Location Data Used on Specific Voters So Candidates Knew Who Voted

Money is money. A data broker sold location data on Black Lives Matters protesters so that (police) could track their movements and also sold location data on evangelicals so that the (Trump campaign) knew whether people who were favorable to them had not voted so that they could get out the vote in a very targeted manner. All legal. Expect it to be used this year, likely by many candidates. I put the names in parentheses because the broker didn’t exactly say who they sold the data to. Credit: Vice

Denial of Service Attacks up 542% in First Quarter

Distributed Denial of Service attacks jumped more than 500% between fourth quarter last year and first quarter of this year and more than 250% year to year according to NexusGuard. Likely this is due to work from home. The attacks are going after businesses and ISPs. Are you ready? Credit: Dark Reading

Get Ready for Encryption Fireworks

Since the early 1990s, there has been a battle going on between the federal government and privacy advocates. Privacy advocates want strong encryption. The government wants weak encryption that it can break. Except of course for the encryption that they use.

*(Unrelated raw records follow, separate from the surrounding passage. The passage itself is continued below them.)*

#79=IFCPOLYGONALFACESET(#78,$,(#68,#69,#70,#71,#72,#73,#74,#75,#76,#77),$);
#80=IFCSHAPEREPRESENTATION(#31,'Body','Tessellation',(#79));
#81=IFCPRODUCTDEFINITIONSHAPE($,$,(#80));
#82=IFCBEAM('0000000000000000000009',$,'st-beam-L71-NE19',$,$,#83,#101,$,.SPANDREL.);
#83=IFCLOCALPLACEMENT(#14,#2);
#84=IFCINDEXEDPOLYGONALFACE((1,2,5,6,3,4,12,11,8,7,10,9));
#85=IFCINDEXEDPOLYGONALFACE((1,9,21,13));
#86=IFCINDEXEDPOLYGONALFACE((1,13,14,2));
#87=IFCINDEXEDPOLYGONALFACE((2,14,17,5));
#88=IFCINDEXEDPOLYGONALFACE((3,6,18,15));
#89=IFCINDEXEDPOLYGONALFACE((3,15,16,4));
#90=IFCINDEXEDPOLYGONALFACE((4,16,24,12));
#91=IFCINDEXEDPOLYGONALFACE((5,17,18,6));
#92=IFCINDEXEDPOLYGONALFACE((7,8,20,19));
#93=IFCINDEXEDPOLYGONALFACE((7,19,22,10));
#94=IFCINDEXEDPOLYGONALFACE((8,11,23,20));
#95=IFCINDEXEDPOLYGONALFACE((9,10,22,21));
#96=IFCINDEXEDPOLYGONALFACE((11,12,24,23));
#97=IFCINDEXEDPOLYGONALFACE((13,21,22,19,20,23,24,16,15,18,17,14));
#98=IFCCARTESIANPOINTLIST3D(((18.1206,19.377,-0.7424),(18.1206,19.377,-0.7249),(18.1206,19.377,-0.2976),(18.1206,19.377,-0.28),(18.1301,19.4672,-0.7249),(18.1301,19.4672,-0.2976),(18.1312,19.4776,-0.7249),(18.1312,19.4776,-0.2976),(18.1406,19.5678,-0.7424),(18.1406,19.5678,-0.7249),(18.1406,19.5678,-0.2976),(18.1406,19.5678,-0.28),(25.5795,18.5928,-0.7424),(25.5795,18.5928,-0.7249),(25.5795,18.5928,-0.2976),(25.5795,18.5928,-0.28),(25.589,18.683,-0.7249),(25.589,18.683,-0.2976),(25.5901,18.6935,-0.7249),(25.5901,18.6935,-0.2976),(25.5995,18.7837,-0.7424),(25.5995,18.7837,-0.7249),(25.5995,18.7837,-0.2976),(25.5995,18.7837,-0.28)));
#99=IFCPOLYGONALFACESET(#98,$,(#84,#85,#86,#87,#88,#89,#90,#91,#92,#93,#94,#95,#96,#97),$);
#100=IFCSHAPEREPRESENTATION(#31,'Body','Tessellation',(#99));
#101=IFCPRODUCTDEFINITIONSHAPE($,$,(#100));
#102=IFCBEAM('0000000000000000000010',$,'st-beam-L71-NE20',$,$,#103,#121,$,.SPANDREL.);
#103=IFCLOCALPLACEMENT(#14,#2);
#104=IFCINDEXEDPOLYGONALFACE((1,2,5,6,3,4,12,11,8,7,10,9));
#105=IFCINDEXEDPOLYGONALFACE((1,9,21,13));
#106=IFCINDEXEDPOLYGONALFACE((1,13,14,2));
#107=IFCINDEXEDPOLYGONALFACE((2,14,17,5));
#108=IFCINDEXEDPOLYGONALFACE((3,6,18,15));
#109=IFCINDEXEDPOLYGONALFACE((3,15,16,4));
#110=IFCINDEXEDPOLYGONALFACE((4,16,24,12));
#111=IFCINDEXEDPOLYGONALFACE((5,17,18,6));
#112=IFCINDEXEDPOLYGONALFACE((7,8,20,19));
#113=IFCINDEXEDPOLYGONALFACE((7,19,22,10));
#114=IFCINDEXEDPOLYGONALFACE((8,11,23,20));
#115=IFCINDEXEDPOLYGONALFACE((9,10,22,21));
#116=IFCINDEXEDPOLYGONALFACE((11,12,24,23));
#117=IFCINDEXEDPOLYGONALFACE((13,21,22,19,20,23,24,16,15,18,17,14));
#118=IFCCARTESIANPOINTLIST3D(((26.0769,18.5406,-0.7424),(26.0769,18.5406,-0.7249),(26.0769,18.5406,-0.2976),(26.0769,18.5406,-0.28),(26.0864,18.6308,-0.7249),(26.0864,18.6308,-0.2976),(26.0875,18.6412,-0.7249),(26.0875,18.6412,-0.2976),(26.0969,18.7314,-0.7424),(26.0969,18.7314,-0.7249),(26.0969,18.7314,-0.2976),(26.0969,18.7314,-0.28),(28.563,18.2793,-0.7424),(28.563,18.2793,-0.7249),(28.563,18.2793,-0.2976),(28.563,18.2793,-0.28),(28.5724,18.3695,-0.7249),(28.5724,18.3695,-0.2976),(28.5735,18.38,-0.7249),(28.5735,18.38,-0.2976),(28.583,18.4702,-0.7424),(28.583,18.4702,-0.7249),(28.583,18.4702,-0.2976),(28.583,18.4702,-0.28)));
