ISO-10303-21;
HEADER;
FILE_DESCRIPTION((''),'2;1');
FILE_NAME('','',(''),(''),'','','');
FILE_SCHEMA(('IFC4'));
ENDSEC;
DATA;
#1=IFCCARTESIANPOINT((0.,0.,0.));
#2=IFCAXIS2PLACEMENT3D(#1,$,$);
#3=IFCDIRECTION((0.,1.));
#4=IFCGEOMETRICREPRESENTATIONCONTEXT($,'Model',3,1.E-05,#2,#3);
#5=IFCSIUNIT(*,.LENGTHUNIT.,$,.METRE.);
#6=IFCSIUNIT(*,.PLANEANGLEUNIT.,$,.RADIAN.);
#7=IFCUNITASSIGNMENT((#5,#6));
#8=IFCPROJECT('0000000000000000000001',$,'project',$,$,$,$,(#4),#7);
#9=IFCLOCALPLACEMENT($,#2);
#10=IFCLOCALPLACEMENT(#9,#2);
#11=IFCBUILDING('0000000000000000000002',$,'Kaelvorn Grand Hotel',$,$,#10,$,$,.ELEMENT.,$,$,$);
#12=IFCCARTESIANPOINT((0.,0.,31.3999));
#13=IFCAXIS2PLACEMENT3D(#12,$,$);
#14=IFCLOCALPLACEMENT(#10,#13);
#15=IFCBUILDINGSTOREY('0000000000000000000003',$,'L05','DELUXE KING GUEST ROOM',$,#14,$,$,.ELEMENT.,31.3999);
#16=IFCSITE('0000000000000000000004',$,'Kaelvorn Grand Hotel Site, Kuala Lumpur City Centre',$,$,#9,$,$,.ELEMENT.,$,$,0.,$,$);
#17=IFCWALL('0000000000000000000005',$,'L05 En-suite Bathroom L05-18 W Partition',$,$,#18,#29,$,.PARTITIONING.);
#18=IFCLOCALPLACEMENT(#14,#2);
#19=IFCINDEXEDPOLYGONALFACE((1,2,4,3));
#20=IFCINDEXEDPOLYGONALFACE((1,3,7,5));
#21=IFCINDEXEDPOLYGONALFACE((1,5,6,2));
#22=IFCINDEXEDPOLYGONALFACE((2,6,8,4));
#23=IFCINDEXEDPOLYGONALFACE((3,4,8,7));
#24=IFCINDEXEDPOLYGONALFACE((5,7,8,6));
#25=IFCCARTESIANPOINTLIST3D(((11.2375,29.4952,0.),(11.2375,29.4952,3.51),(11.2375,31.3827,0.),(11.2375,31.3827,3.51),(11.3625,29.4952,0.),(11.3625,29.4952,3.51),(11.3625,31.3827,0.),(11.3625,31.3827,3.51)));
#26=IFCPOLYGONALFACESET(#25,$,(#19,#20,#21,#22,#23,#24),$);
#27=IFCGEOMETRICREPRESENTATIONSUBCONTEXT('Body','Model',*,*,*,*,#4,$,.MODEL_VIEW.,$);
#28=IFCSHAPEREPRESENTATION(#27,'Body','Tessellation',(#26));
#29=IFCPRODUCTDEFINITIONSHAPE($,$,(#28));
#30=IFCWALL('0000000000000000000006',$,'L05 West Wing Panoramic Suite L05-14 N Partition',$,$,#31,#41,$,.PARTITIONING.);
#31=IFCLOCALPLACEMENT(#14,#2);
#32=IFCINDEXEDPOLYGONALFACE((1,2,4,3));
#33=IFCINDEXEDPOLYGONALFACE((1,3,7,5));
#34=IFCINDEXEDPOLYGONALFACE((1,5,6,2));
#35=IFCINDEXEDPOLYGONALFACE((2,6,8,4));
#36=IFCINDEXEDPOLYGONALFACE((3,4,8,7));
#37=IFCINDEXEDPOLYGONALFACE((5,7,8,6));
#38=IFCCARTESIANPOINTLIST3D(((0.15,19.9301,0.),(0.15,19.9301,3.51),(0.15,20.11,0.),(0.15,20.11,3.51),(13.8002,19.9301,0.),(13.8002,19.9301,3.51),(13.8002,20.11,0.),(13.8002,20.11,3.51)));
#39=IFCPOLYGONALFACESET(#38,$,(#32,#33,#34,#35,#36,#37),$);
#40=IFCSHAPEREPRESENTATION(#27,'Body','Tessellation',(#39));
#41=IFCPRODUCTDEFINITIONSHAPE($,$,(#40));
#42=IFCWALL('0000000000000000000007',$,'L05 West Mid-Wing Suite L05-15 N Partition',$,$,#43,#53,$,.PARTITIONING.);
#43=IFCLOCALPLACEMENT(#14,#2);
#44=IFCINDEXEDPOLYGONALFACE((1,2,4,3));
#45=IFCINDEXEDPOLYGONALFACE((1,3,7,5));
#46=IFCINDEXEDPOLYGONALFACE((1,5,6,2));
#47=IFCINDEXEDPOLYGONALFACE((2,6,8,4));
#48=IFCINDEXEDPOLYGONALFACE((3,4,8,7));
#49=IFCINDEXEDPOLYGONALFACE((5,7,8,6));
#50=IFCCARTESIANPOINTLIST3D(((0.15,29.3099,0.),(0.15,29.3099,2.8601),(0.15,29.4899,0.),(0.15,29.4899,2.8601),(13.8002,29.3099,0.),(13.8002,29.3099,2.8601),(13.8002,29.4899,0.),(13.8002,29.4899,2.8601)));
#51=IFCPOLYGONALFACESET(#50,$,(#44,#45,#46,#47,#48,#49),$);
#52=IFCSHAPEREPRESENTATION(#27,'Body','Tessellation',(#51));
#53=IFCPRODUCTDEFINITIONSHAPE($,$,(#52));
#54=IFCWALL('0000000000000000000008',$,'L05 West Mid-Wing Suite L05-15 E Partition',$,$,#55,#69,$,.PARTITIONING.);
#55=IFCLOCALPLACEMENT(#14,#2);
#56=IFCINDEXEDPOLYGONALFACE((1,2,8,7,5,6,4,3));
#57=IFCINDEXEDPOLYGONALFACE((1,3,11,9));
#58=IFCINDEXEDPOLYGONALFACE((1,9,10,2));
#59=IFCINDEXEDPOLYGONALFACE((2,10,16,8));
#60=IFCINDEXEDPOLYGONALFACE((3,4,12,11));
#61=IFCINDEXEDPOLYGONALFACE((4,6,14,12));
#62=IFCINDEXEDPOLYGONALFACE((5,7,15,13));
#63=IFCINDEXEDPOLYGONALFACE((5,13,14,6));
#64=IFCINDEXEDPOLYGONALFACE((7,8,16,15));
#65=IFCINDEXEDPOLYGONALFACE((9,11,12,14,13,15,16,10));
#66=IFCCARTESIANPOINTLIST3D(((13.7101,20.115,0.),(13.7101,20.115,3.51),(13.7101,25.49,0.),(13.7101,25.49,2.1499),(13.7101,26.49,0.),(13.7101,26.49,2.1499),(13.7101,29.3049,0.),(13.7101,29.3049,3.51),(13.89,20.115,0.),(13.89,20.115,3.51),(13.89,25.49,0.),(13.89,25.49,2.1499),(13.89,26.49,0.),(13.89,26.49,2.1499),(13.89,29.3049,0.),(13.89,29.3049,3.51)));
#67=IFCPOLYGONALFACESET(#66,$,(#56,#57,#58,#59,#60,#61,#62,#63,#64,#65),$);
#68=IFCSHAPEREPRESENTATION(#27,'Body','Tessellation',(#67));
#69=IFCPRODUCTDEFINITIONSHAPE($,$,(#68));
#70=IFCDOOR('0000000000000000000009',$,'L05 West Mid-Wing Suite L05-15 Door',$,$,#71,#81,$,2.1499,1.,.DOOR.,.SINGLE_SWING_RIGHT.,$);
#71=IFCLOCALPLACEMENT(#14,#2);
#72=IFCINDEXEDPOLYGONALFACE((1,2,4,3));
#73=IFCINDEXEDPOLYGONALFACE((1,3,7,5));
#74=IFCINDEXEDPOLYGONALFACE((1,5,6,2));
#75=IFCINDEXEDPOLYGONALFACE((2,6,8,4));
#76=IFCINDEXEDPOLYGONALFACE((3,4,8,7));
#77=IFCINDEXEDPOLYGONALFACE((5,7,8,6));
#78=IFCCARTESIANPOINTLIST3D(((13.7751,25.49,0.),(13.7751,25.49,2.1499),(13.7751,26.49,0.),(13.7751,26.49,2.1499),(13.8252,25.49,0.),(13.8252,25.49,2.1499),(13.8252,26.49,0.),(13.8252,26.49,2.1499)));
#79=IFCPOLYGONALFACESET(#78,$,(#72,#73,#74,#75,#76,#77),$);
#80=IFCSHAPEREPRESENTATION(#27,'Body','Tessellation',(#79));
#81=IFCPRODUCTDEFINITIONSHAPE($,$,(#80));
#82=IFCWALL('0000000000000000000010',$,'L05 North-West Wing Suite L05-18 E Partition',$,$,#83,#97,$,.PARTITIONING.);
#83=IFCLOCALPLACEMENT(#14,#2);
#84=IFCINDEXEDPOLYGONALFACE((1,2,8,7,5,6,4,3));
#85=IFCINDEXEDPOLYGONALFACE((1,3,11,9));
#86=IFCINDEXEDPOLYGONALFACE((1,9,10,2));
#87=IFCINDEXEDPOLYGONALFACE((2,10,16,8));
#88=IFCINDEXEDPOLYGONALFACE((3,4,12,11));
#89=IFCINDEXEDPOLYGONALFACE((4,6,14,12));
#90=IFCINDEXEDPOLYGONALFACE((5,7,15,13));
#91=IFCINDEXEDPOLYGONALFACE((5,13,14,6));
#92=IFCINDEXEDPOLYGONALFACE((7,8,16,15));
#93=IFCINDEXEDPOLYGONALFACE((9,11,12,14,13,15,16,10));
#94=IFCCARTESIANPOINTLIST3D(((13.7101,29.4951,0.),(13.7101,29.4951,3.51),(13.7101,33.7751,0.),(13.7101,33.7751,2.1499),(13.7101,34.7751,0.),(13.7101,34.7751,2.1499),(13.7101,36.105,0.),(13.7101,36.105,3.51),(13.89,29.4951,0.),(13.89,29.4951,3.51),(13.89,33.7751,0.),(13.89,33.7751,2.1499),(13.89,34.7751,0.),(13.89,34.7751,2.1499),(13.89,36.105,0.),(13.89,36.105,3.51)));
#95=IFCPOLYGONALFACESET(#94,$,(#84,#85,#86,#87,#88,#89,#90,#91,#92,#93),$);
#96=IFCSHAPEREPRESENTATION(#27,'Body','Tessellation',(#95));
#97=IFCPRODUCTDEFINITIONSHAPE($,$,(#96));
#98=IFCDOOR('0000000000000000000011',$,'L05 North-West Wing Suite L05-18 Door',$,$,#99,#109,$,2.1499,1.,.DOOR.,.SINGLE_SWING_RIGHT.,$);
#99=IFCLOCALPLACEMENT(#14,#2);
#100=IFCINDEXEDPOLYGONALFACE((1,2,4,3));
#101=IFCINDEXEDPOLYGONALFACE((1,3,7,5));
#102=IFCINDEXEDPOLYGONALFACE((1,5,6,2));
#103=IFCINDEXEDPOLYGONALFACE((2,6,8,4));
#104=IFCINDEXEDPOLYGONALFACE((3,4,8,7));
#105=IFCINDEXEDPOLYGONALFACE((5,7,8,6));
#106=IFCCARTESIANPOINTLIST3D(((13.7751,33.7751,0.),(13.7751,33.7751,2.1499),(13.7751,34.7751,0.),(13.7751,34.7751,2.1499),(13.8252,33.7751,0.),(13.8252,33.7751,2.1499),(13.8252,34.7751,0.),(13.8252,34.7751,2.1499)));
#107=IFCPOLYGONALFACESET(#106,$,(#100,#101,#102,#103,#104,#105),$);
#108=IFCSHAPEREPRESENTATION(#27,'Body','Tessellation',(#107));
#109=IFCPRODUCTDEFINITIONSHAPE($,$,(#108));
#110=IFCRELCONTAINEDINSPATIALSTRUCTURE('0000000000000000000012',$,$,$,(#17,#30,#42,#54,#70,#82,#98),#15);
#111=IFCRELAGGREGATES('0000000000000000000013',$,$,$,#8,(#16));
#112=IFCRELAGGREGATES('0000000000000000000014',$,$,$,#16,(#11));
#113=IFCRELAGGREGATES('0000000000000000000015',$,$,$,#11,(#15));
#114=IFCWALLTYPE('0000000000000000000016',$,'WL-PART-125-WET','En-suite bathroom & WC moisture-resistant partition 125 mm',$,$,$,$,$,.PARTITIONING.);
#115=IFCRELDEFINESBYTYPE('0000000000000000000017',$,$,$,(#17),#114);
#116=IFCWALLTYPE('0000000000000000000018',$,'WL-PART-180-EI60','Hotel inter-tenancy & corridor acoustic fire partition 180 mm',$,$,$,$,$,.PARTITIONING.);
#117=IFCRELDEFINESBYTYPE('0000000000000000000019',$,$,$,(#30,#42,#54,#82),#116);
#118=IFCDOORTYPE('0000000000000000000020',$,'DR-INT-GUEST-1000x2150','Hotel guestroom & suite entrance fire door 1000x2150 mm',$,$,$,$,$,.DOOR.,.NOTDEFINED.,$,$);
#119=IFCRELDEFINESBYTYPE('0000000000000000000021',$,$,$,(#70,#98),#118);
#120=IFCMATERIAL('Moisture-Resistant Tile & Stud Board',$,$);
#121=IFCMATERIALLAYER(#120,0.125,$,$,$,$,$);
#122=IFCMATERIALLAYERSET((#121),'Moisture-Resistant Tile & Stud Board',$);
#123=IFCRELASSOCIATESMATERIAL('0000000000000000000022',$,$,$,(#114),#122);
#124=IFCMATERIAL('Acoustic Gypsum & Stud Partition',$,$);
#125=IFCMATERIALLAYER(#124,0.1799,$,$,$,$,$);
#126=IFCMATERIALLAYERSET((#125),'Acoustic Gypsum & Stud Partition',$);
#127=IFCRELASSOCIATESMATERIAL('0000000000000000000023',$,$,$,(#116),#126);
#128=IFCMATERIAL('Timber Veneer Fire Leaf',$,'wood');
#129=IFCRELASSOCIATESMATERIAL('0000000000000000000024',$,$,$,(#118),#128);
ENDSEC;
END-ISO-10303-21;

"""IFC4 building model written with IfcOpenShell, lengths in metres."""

from ifc_helpers import new_model, si_unit, direction, frame, frame_2d, origin, place, context, subcontext, project, spatial, rectangle, extrude, material, layer, layer_set, type_object, element, fill, save


model = new_model("IFC4")

# Units and contexts
model_context = context("Model", 3, precision=1e-05, world=origin(), true_north=direction((0.0, 1.0)))
body_context = subcontext(model_context, "Body", "Model", "MODEL_VIEW")
ifc_project = project(units=[si_unit("LENGTHUNIT", "METRE"), si_unit("PLANEANGLEUNIT", "RADIAN")], contexts=[model_context])

# Site, building, storey
site_placement = place(None, origin())
site = spatial("IfcSite", under=ifc_project, at=site_placement, Name="Kaelvorn Grand Hotel Site, Kuala Lumpur City Centre", CompositionType="ELEMENT", RefElevation=0.0)
building_placement = place(site_placement, origin())
building = spatial("IfcBuilding", under=site, at=building_placement, Name="Kaelvorn Grand Hotel", CompositionType="ELEMENT")
storey_placement = place(building_placement, frame((0.0, 0.0, 31.3999)))
storey = spatial("IfcBuildingStorey", under=building, at=storey_placement, Name="L05", Description="DELUXE KING GUEST ROOM", CompositionType="ELEMENT", Elevation=31.3999)

# Shared definitions
ifc_material_1 = material(Name="Moisture-Resistant Tile & Stud Board")
ifc_layer_1 = layer(ifc_material_1, 0.125)
ifc_layer_set_1 = layer_set([ifc_layer_1], Name="Moisture-Resistant Tile & Stud Board")
wall_type_1 = type_object("IfcWallType", Name="WL-PART-125-WET", Description="En-suite bathroom & WC moisture-resistant partition 125 mm", PredefinedType="PARTITIONING", material=ifc_layer_set_1)

# Walls
wall_1_placement = place(storey_placement, frame((11.3, 29.4951, 0.0), z_axis=(0.0, 0.0, 1.0), x_axis=(0.0, 1.0, 0.0)))
element("IfcWall", 1, at=wall_1_placement, inside=storey, type_object=wall_type_1, Name="L05 En-suite Bathroom L05-18 W Partition", PredefinedType="PARTITIONING", context=body_context, shape_type="SweptSolid", body=[
    extrude(rectangle(XDim=1.8875, YDim=0.125, at=frame_2d((0.9438, 0.0))), origin(), (0.0, 0.0, 1.0), 3.51),
])
ifc_material_2 = material(Name="Acoustic Gypsum & Stud Partition")
ifc_layer_2 = layer(ifc_material_2, 0.1799)
ifc_layer_set_2 = layer_set([ifc_layer_2], Name="Acoustic Gypsum & Stud Partition")
wall_type_2 = type_object("IfcWallType", Name="WL-PART-180-EI60", Description="Hotel inter-tenancy & corridor acoustic fire partition 180 mm", PredefinedType="PARTITIONING", material=ifc_layer_set_2)
wall_2_placement = place(storey_placement, frame((0.1499, 20.02, 0.0), z_axis=(0.0, 0.0, 1.0), x_axis=(1.0, 0.0, 0.0)))
element("IfcWall", 2, at=wall_2_placement, inside=storey, type_object=wall_type_2, Name="L05 West Wing Panoramic Suite L05-14 N Partition", PredefinedType="PARTITIONING", context=body_context, shape_type="SweptSolid", body=[
    extrude(rectangle(XDim=13.6501, YDim=0.1799, at=frame_2d((6.8252, 0.0))), origin(), (0.0, 0.0, 1.0), 3.51),
])
wall_3_placement = place(storey_placement, frame((0.1499, 29.3999, 0.0), z_axis=(0.0, 0.0, 1.0), x_axis=(1.0, 0.0, 0.0)))
element("IfcWall", 3, at=wall_3_placement, inside=storey, type_object=wall_type_2, Name="L05 West Mid-Wing Suite L05-15 N Partition", PredefinedType="PARTITIONING", context=body_context, shape_type="SweptSolid", body=[
    extrude(rectangle(XDim=13.6501, YDim=0.1799, at=frame_2d((6.8252, 0.0))), origin(), (0.0, 0.0, 1.0), 2.8601),
])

They claim they need it is to hunt down terrorists, but that didn’t get any traction.

Then they claimed it was to hunt down pedophiles.

There are several bills in play right now and none of them really solve the problem. Not even a little bit.

One bill is the earnit act which, in typical Congressional fashion, kicks the can down the road. Since actually figuring out how to solve the problem of bad guys using encryption while at the same time protecting the rest of us, the earnit act proposes to create a commission to make recommendations to the Attorney General, who is not required to accept any of the recommendations and can create his own. Then if the tech community doesn’t accept whatever he says, they will lose the protection they have for content posted by users. Since Congress has like one person who understands tech out of 500, what they don’t seem to realize is that this will not achieve the goal that Republicans have getting more right wing content on the web. Instead what tech companies will have to do is dramatically restrict user posted content to make sure that they do not post any content from either side that would get them sued for helping pedophiles or promoting violence or whatever. Facebook will go back to what Zuckerberg originally planned it for – figuring out which girls he wanted to go out with or something slightly less PG than that. If they lose their immunity, they will restrict content.

If that happens, billions of dollars of investor capital value will go up in flames. I don’t have any Facebook or Twitter stock, but if you do and the bill passes, you should sell.

Sen. Graham introduced a new version of the bill to solve this problem. He wants to let the states decide. That way Twitter will have to comply with 50 state laws. That will definitely make things easier.

The Post says that legislators are far less sympathetic to tech companies and that may be true, but the President seems to like to use at least one tech company and if laws pass that remove protections, those companies are far more likely to censor him than they are now when they have immunity.

There are definitely two camps in Congress right now – those that want to protect people’s privacy and those that want to get rid of privacy because it is inconvenient to them.

Another bill, called the lead act, would literally ban strong encryption and make it a crime to use encryption that doesn’t have a backdoor.

Except, of course, crooks, how do I say this, DON’T CARE MUCH ABOUT THE LAW. So they will use strong encryption except for the dumb ones and we don’t really fix anything.

I am sure if the law requires a back door to private conversations, no crooks will ever discover how it works.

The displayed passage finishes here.